Geçen yıl BiTaksi ile ‘Yılın Erkek Girişimcisi’ seçilen Nazım Salur, bu yıl da Getir ile aynı ödüle layık görüldü. Salur, Getir’i Lonra’dan başlayarak dünyaya açmaya hazırlanıyor. Nazım Salur, “Projenin en önemli özelliklerinden biri, iş modeliyle dünyada bir ilk olması.
AYŞEGÜL SAKARYA PEHLİVAN
asakarya@ekonomist.com.tr
Dünyada 10 dakikada ürün teslim edebilen tek şirketiz.

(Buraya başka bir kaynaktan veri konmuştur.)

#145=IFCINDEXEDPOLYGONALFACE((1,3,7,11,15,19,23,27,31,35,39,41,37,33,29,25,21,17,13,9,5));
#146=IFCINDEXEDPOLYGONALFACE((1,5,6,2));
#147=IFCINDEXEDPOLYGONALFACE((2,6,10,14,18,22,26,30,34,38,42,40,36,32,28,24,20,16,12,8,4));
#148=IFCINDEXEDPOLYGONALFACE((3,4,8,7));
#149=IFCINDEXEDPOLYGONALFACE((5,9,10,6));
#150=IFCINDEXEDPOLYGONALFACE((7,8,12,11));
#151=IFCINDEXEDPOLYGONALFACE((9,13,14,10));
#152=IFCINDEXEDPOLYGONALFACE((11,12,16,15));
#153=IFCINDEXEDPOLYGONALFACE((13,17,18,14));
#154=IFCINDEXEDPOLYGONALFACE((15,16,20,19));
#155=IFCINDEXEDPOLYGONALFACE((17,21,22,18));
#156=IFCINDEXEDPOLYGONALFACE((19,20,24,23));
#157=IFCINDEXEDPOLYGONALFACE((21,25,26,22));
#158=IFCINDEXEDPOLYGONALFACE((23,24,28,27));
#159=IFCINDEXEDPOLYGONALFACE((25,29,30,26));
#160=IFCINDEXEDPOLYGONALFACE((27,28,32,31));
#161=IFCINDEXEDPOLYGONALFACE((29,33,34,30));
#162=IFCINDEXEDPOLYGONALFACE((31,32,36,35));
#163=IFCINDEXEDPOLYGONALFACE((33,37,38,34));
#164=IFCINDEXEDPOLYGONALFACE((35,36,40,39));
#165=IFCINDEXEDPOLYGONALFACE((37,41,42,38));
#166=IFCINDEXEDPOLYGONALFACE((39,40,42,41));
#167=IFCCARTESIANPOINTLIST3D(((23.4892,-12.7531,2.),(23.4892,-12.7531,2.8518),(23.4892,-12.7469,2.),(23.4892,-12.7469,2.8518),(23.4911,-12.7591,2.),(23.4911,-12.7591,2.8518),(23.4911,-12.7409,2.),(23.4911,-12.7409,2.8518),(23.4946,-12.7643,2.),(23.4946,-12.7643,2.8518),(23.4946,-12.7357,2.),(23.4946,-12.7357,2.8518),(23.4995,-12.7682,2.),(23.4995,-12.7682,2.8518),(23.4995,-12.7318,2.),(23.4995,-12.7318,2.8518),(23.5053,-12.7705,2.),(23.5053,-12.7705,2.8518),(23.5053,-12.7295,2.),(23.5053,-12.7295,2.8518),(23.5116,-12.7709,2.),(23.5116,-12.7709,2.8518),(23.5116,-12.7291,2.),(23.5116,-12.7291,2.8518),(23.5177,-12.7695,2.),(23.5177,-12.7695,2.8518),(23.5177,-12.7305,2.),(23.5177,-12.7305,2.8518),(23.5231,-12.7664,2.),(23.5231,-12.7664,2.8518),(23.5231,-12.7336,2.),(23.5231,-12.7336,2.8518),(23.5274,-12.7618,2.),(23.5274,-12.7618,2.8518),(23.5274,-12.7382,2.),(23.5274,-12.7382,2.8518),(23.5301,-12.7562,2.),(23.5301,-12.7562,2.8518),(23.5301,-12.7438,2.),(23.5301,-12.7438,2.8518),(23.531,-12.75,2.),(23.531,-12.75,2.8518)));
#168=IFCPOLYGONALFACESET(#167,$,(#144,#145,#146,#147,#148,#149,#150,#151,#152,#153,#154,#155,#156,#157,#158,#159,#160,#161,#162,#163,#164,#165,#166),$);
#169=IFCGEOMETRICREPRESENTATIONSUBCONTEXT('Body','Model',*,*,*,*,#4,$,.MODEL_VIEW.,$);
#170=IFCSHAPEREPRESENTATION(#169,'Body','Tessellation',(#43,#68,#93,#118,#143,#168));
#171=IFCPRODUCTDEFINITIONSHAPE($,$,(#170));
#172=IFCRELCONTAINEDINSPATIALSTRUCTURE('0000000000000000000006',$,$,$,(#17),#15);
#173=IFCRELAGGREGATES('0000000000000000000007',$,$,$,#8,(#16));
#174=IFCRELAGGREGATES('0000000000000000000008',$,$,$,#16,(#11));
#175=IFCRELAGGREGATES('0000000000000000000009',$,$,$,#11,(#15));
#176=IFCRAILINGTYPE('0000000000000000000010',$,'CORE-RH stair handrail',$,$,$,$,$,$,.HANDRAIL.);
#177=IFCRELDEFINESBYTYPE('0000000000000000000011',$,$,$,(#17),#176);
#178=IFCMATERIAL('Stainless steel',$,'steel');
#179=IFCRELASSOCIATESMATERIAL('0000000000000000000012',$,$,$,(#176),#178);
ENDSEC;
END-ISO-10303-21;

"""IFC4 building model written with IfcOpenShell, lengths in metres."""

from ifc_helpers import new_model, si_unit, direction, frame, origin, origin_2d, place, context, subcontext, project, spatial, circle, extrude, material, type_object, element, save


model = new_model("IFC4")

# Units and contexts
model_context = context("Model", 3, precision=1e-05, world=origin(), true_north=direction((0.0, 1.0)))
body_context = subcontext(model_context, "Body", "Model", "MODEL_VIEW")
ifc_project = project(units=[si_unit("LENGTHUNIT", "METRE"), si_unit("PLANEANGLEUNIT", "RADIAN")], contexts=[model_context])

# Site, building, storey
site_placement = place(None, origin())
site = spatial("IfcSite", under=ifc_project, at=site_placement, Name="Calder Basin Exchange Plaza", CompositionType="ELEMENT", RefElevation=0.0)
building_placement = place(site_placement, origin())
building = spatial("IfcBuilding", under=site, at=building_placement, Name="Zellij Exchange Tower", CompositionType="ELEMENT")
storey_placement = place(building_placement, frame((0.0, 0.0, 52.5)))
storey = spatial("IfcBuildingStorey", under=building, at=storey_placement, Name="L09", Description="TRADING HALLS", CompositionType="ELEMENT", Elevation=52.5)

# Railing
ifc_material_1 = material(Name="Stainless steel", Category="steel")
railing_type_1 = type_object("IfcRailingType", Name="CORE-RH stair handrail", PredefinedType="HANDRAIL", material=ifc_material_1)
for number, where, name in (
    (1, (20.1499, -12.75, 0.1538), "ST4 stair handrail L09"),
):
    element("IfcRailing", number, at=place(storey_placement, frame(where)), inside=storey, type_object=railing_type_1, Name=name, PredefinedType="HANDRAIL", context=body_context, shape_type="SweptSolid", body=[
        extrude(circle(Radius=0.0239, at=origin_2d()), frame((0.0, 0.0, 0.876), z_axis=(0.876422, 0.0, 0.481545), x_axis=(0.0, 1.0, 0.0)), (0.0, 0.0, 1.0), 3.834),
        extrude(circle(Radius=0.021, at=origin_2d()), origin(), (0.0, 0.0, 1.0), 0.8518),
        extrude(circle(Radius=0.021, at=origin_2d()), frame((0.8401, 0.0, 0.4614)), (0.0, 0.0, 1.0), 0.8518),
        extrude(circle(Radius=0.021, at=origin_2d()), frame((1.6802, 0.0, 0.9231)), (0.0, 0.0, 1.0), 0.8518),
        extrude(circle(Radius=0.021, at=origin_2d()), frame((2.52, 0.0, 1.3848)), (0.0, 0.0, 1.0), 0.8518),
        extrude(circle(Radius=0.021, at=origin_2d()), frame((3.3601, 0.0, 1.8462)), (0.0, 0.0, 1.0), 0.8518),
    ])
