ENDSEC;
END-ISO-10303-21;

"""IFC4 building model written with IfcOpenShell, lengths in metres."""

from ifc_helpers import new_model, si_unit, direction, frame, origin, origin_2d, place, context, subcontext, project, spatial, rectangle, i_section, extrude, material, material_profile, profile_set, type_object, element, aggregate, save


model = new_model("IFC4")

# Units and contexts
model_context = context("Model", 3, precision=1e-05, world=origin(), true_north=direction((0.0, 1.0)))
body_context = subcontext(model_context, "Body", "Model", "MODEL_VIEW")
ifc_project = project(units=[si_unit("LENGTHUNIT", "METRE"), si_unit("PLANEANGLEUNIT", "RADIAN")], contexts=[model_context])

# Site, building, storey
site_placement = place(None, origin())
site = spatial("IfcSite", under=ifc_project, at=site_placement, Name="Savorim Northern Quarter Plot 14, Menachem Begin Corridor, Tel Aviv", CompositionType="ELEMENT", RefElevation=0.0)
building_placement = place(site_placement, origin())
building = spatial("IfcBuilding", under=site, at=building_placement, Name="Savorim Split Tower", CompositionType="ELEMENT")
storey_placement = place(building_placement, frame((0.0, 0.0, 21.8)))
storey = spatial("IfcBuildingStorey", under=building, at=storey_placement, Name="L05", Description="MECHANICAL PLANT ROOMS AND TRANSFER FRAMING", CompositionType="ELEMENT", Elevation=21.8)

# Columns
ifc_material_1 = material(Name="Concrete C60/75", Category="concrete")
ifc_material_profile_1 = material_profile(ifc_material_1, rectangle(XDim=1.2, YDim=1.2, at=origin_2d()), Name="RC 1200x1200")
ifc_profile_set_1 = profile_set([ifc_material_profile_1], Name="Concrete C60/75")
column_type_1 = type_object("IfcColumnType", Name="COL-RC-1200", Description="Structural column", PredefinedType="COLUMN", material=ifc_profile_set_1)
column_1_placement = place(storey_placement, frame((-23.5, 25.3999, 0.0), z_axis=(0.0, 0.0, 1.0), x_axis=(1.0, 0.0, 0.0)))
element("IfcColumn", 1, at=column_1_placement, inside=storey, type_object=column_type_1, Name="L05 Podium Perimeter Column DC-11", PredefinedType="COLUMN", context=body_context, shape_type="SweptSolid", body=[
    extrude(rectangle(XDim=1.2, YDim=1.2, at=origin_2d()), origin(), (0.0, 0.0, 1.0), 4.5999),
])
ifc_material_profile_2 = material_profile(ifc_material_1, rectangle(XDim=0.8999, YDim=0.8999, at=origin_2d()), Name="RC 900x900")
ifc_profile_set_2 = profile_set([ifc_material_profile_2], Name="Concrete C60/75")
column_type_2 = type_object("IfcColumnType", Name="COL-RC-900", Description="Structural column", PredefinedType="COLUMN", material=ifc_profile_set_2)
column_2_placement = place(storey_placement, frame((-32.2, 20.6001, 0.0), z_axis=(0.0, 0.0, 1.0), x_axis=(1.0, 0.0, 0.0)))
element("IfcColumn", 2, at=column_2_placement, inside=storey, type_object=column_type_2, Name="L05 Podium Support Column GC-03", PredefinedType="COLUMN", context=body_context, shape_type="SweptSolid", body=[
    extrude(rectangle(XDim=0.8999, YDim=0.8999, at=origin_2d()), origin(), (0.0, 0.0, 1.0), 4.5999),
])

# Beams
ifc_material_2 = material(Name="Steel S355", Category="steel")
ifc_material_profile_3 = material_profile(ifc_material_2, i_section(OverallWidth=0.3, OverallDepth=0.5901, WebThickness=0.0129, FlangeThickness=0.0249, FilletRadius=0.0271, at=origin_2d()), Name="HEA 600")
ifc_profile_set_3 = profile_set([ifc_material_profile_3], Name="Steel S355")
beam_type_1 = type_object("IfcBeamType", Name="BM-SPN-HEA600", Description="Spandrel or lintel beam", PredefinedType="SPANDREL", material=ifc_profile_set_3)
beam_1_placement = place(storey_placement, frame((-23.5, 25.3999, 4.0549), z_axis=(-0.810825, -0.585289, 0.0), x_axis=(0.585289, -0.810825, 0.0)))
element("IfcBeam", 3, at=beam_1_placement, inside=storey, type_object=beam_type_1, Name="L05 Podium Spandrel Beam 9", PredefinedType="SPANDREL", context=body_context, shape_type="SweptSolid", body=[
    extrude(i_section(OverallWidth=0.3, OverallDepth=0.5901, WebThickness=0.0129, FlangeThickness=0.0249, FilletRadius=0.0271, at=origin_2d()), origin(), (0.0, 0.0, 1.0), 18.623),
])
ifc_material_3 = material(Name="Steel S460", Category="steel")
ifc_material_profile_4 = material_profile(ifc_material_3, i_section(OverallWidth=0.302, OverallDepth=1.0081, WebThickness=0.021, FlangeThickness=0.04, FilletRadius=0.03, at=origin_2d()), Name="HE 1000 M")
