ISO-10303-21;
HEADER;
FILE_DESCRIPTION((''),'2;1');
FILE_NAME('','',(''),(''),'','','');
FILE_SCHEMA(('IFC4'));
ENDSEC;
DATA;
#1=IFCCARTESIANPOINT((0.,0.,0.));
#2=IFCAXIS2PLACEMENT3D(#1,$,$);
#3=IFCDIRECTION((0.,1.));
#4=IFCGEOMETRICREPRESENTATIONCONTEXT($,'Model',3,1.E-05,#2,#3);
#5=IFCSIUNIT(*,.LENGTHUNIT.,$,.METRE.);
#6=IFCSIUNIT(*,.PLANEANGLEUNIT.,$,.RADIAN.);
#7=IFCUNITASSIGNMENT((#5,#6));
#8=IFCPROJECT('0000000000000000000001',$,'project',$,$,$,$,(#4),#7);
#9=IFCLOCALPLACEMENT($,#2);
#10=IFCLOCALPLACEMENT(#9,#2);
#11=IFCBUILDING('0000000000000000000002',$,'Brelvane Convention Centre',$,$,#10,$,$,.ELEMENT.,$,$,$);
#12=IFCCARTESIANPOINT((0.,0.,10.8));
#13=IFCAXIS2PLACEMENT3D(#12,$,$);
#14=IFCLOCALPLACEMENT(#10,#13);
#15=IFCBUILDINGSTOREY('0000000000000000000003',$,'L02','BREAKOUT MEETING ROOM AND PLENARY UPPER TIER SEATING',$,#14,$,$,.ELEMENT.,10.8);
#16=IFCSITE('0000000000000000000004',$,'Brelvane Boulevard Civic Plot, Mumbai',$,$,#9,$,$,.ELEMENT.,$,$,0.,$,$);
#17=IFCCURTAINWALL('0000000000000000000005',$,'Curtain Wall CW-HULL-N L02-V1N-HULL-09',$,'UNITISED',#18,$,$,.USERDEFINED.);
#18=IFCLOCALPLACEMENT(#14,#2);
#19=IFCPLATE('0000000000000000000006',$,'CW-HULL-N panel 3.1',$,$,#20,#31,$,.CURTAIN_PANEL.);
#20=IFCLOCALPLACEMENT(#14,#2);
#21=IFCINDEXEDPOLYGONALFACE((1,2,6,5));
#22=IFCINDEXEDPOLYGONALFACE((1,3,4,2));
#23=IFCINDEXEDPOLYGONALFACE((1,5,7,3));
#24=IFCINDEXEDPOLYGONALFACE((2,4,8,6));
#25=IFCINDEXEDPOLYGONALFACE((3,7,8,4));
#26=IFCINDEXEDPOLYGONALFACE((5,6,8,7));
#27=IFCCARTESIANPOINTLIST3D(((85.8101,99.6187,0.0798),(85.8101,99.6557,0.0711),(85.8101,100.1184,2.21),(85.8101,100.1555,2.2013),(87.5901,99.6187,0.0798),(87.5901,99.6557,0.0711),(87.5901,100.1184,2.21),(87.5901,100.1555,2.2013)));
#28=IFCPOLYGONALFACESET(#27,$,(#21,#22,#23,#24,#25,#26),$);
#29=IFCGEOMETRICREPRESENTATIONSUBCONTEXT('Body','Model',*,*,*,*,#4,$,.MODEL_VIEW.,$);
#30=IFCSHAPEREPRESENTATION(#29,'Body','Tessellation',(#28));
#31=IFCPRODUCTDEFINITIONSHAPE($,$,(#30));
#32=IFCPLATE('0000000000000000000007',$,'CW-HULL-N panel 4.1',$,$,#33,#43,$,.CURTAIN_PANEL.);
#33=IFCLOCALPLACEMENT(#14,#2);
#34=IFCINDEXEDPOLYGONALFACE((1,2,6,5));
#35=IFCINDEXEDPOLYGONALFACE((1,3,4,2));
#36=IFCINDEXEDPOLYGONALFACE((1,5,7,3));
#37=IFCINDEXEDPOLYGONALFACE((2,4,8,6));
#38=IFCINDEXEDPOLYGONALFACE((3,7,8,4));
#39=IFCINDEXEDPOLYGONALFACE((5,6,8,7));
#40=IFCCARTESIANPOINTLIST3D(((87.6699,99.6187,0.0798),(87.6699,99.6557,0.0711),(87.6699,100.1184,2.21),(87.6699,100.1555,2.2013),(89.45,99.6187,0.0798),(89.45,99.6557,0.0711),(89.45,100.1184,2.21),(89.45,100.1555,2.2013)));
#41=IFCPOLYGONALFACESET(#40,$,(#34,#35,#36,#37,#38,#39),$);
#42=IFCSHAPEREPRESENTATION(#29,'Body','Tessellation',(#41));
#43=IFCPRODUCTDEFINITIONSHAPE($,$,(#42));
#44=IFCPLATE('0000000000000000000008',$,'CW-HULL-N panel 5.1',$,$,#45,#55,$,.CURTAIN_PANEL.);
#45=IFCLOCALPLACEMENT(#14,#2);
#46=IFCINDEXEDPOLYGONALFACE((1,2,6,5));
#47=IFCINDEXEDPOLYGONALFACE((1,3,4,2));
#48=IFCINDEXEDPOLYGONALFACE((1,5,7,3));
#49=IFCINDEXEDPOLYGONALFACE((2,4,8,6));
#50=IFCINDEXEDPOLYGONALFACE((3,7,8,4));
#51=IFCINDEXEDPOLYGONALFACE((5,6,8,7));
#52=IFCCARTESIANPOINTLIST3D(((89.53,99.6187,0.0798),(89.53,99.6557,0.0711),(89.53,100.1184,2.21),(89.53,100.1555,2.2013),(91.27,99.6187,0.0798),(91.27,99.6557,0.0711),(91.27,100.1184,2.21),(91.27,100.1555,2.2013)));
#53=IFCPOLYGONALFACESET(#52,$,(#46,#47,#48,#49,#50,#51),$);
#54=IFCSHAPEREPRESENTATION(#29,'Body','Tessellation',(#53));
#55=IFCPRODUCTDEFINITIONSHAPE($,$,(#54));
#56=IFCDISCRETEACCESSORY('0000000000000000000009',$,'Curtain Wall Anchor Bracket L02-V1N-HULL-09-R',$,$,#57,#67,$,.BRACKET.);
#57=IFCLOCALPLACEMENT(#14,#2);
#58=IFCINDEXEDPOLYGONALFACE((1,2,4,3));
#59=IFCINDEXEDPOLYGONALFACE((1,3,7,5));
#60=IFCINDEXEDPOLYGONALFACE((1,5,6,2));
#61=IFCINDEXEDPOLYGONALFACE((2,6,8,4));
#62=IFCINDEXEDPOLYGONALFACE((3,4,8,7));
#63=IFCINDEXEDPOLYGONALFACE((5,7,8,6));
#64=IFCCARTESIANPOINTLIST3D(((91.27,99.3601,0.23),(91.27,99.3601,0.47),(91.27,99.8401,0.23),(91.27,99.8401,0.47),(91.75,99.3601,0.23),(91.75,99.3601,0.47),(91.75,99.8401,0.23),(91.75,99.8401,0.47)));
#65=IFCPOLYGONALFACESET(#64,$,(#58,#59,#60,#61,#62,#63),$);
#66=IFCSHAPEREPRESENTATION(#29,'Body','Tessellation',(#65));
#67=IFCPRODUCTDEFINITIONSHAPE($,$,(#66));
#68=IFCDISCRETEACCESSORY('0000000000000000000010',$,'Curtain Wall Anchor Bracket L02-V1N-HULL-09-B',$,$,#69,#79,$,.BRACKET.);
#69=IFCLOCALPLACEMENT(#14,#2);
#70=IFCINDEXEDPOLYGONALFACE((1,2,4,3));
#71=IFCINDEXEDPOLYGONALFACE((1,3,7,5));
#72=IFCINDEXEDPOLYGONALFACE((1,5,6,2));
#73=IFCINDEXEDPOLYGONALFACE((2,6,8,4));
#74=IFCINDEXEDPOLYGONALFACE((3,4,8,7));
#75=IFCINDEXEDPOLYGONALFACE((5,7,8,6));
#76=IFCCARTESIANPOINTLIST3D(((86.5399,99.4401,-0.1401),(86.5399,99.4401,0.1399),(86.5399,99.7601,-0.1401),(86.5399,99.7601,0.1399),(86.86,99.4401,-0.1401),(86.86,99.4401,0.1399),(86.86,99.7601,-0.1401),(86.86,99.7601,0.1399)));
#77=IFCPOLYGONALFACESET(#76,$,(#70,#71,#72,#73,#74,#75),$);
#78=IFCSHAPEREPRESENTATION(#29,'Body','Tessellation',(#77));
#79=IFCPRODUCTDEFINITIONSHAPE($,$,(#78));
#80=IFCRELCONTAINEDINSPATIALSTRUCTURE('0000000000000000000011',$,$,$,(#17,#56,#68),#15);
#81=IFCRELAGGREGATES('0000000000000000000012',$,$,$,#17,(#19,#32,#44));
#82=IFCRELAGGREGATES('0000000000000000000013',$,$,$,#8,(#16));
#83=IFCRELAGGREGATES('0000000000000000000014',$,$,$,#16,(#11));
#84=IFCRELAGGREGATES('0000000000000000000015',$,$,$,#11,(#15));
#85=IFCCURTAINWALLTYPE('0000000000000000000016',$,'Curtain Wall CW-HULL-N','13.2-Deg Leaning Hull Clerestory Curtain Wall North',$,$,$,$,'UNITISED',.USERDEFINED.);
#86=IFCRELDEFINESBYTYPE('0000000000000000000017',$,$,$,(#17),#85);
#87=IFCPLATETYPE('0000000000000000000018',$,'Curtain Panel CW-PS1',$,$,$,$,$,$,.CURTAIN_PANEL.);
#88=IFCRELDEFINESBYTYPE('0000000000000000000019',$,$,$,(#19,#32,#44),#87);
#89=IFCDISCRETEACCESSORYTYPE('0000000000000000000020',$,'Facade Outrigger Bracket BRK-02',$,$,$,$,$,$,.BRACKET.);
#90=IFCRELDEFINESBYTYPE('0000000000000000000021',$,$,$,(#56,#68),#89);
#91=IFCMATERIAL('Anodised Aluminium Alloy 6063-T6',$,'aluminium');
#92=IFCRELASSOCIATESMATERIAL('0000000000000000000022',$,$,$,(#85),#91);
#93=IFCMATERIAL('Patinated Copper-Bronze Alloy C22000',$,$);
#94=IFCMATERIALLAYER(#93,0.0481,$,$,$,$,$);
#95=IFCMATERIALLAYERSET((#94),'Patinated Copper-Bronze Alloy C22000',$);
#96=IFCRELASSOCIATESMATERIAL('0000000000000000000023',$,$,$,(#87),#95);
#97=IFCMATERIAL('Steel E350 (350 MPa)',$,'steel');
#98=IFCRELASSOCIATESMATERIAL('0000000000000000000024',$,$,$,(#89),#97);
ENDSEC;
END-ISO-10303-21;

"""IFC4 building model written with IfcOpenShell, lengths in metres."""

from ifc_helpers import new_model, si_unit, direction, frame, origin, origin_2d, place, context, subcontext, project, spatial, polyline, rectangle, outline, extrude, material, layer, layer_set, type_object, element, aggregate, save


model = new_model("IFC4")

# Units and contexts
model_context = context("Model", 3, precision=1e-05, world=origin(), true_north=direction((0.0, 1.0)))
body_context = subcontext(model_context, "Body", "Model", "MODEL_VIEW")
ifc_project = project(units=[si_unit("LENGTHUNIT", "METRE"), si_unit("PLANEANGLEUNIT", "RADIAN")], contexts=[model_context])

# Site, building, storey
site_placement = place(None, origin())
site = spatial("IfcSite", under=ifc_project, at=site_placement, Name="Brelvane Boulevard Civic Plot, Mumbai", CompositionType="ELEMENT", RefElevation=0.0)
building_placement = place(site_placement, origin())
building = spatial("IfcBuilding", under=site, at=building_placement, Name="Brelvane Convention Centre", CompositionType="ELEMENT")
storey_placement = place(building_placement, frame((0.0, 0.0, 10.8)))
storey = spatial("IfcBuildingStorey", under=building, at=storey_placement, Name="L02", Description="BREAKOUT MEETING ROOM AND PLENARY UPPER TIER SEATING", CompositionType="ELEMENT", Elevation=10.8)

# Curtain wall, plates
ifc_material_1 = material(Name="Anodised Aluminium Alloy 6063-T6", Category="aluminium")
curtain_wall_type = type_object("IfcCurtainWallType", Name="Curtain Wall CW-HULL-N", Description="13.2-Deg Leaning Hull Clerestory Curtain Wall North", ElementType="UNITISED", PredefinedType="USERDEFINED", material=ifc_material_1)
curtain_wall_placement = place(storey_placement, origin())
curtain_wall = element("IfcCurtainWall", 1, at=curtain_wall_placement, inside=storey, type_object=curtain_wall_type, Name="Curtain Wall CW-HULL-N L02-V1N-HULL-09", ObjectType="UNITISED", PredefinedType="USERDEFINED")
ifc_material_2 = material(Name="Patinated Copper-Bronze Alloy C22000")
ifc_layer_1 = layer(ifc_material_2, 0.0481)
ifc_layer_set_1 = layer_set([ifc_layer_1], Name="Patinated Copper-Bronze Alloy C22000")
plate_type_1 = type_object("IfcPlateType", Name="Curtain Panel CW-PS1", PredefinedType="CURTAIN_PANEL", material=ifc_layer_set_1)
plate_1_placement = place(storey_placement, frame((85.8101, 99.6187, 0.0798), z_axis=(0.0, -0.973565, 0.228411), x_axis=(1.0, 0.0, 0.0)))
plate_1 = element("IfcPlate", 2, at=plate_1_placement, type_object=plate_type_1, Name="CW-HULL-N panel 3.1", PredefinedType="CURTAIN_PANEL", context=body_context, shape_type="SweptSolid", body=[
    extrude(outline(polyline([(0.0, 0.0), (1.78, 0.0), (1.78, 2.188), (0.0, 2.188), (0.0, 0.0)])), origin(), (0.0, 0.0, -1.0), 0.0381),
])
plate_2_placement = place(storey_placement, frame((87.6699, 99.6187, 0.0798), z_axis=(0.0, -0.973565, 0.228411), x_axis=(1.0, 0.0, 0.0)))
plate_2 = element("IfcPlate", 3, at=plate_2_placement, type_object=plate_type_1, Name="CW-HULL-N panel 4.1", PredefinedType="CURTAIN_PANEL", context=body_context, shape_type="SweptSolid", body=[
    extrude(outline(polyline([(0.0, 0.0), (1.78, 0.0), (1.78, 2.188), (0.0, 2.188), (0.0, 0.0)])), origin(), (0.0, 0.0, -1.0), 0.0381),
])
plate_3_placement = place(storey_placement, frame((89.53, 99.6187, 0.0798), z_axis=(0.0, -0.973565, 0.228411), x_axis=(1.0, 0.0, 0.0)))
plate_3 = element("IfcPlate", 4, at=plate_3_placement, type_object=plate_type_1, Name="CW-HULL-N panel 5.1", PredefinedType="CURTAIN_PANEL", context=body_context, shape_type="SweptSolid", body=[
    extrude(outline(polyline([(0.0, 0.0), (1.74, 0.0), (1.74, 2.188), (0.0, 2.188), (0.0, 0.0)])), origin(), (0.0, 0.0, -1.0), 0.0381),
])
aggregate(curtain_wall, [plate_1, plate_2, plate_3])

# Discrete accessories
ifc_material_3 = material(Name="Steel E350 (350 MPa)", Category="steel")
discrete_accessory_type = type_object("IfcDiscreteAccessoryType", Name="Facade Outrigger Bracket BRK-02", PredefinedType="BRACKET", material=ifc_material_3)
discrete_accessory_1_placement = place(storey_placement, frame((91.51, 99.6001, 0.23), z_axis=(0.0, 0.0, 1.0), x_axis=(1.0, 0.0, 0.0)))
element("IfcDiscreteAccessory", 5, at=discrete_accessory_1_placement, inside=storey, type_object=discrete_accessory_type, Name="Curtain Wall Anchor Bracket L02-V1N-HULL-09-R", PredefinedType="BRACKET", context=body_context, shape_type="SweptSolid", body=[
    extrude(rectangle(XDim=0.48, YDim=0.48, at=origin_2d()), origin(), (0.0, 0.0, 1.0), 0.24),
])
discrete_accessory_2_placement = place(storey_placement, frame((86.7, 99.6001, -0.1401), z_axis=(0.0, 0.0, 1.0), x_axis=(1.0, 0.0, 0.0)))
element("IfcDiscreteAccessory", 6, at=discrete_accessory_2_placement, inside=storey, type_object=discrete_accessory_type, Name="Curtain Wall Anchor Bracket L02-V1N-HULL-09-B", PredefinedType="BRACKET", context=body_context, shape_type="SweptSolid", body=[
    extrude(rectangle(XDim=0.3201, YDim=0.3201, at=origin_2d()), origin(), (0.0, 0.0, 1.0), 0.28),
])

save(model, "model.ifc")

Getir’i dünyada bir başarı hikayesi yapmak istiyoruz” diyor. Hızlı tüketim, gemicilik, otomotiv, mobilya gibi pek çok farklı sektörde çalıştıktan sonra 50 yaşında teknoloji sektörüne giriş yapan Nazım Salur, mobil alanda geliştirdiği ikinci projesi Getir ile ikinci kez ‘Yılın Erkek Girişimcisi’ ödülünü aldı. Getir, insanlara ihtiyaç duydukları ürünleri 10 dakika gibi kısa bir sürede ulaştırmayı hedefleyen bir mobil alışveriş uygulaması. Yaklaşık 1.5 yıl önce kurulan Getir, bir yılda yüzde 400 büyüdü.
Ayda 100 binin üstünde siparişe ulaştı. 2017’de de en az yüzde 400 büyümeyi hedefleyen Salur, projeyi yurtdışına açmaya hazırlanıyor. Getir’in dünyada bir ilk olduğunu söyleyen Salur, “Ankara, İzmir, Antalya’dan evvel yurtdışın-da büyümek istiyoruz. İlk olarak Londra’ya açılacağız. Sadece batıda değil Dubai, Şangay gibi zamanın kıymetli olduğu, trafiğin yoğun olduğu tüm şehirlerde bu işi yapmak istiyoruz” diyor.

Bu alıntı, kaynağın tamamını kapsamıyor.